The present retrospective analysis evaluated the pregnancy outcomes of overweight/obese women with PCOS after treatment by the GnRH-ant protocol for COH and FET, by comparison to the outcomes of normal-weight women with PCOS.
Methods
Study population
This retrospective analysis reviewed the results of IVF/ICSI-FET performed from January 2014 through December 2016 at the Reproductive Medicine Center of Third Affiliated Hospital of Guangzhou Medical University, China. The Ethics Committee of the hospital approved the study. Because this was a retrospective investigation, patients were not asked to participate in the analysis.
The inclusion criteria were: patients with PCOS who underwent their first IVF/ICSI cycles and then primary FET cycles; maternal age < 35 years; and use of the GnRH-ant protocol for COH. A total of 398 cycles (patients) were analyzed. For analysis, the pregnancy outcomes of patients with normal weight (N-W; n = 260) were compared with that of overweight/obese patients (O-O; n = 138), where the threshold was a body mass index (BMI) of 24 kg/m2 [11, 12].
The definition of PCOS was in accordance with the Rotterdam criteria [13], therefore fulfilling ≥2 of the following: oligo- or anovulation; clinical or biochemical signs of hyperandrogenism; and polycystic ovaries and exclusion of other etiologies (i.e., congenital adrenal hyperplasia, androgen-secreting tumors, or Cushing’s syndrome).
Study procedures
All 398 patients received the GnRH antagonist protocol for COH, oocyte retrieval, and fertilization, followed by cryopreservation, freeze-thaw, and transfer of embryos.

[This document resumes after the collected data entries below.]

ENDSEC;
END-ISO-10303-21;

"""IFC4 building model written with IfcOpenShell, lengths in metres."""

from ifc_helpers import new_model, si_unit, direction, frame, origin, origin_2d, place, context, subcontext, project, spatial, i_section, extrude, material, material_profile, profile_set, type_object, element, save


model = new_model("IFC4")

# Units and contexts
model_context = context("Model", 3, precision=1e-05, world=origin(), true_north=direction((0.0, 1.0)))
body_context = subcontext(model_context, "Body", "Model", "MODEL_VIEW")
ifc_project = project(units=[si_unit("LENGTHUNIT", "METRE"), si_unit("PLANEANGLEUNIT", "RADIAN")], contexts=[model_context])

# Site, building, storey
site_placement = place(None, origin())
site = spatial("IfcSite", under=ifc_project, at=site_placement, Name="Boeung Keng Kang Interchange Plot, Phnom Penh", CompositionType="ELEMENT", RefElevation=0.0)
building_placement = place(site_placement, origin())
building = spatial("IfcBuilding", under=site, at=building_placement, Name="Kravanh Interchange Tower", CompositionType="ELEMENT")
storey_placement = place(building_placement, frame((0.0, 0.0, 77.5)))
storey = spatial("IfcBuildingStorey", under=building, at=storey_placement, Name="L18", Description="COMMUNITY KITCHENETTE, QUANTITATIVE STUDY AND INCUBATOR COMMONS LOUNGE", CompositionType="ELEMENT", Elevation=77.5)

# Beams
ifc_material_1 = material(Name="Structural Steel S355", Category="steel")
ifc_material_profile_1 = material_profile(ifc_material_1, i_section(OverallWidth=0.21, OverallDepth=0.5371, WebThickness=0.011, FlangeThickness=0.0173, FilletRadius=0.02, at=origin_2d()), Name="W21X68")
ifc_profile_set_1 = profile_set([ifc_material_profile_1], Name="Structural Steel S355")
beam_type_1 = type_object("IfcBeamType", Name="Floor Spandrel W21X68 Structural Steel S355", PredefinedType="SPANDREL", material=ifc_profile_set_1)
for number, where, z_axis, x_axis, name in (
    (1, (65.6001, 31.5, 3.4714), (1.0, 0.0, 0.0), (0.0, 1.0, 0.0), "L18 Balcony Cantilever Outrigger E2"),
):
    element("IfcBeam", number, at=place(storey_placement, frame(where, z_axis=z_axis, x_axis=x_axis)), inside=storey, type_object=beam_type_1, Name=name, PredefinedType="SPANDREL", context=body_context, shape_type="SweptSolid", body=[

Ovarian stimulation with recombinant human follicle-stimulating hormone or human menopausal gonadotrophin was initiated on day 2 or 3 of the menstrual cycle. Doses were adjusted according to the ovarian response, as monitored via ultrasonography and measurement of serum sex steroids. For the fixed protocol, GnRH-ant (Cetrorelix, Mercerono) at a daily dose of 0.25 mg was initiated in the morning of day 5 or 6 of stimulation, and continued up to the day before triggering ovulation, to inhibit a premature surge in luteinizing hormone surge. For the flexible protocol, GnRH-ant at a daily dose of 0.25 mg was initiated, when the largest follicle exceeded 12-14 mm. Human chorionic gonadotropin (hCG) at a dose of 4000-10,000 IU was administered to induce oocyte maturation, when ≥2 follicles measured ≥18 mm. Oocyte retrieval was performed 34-36 h later.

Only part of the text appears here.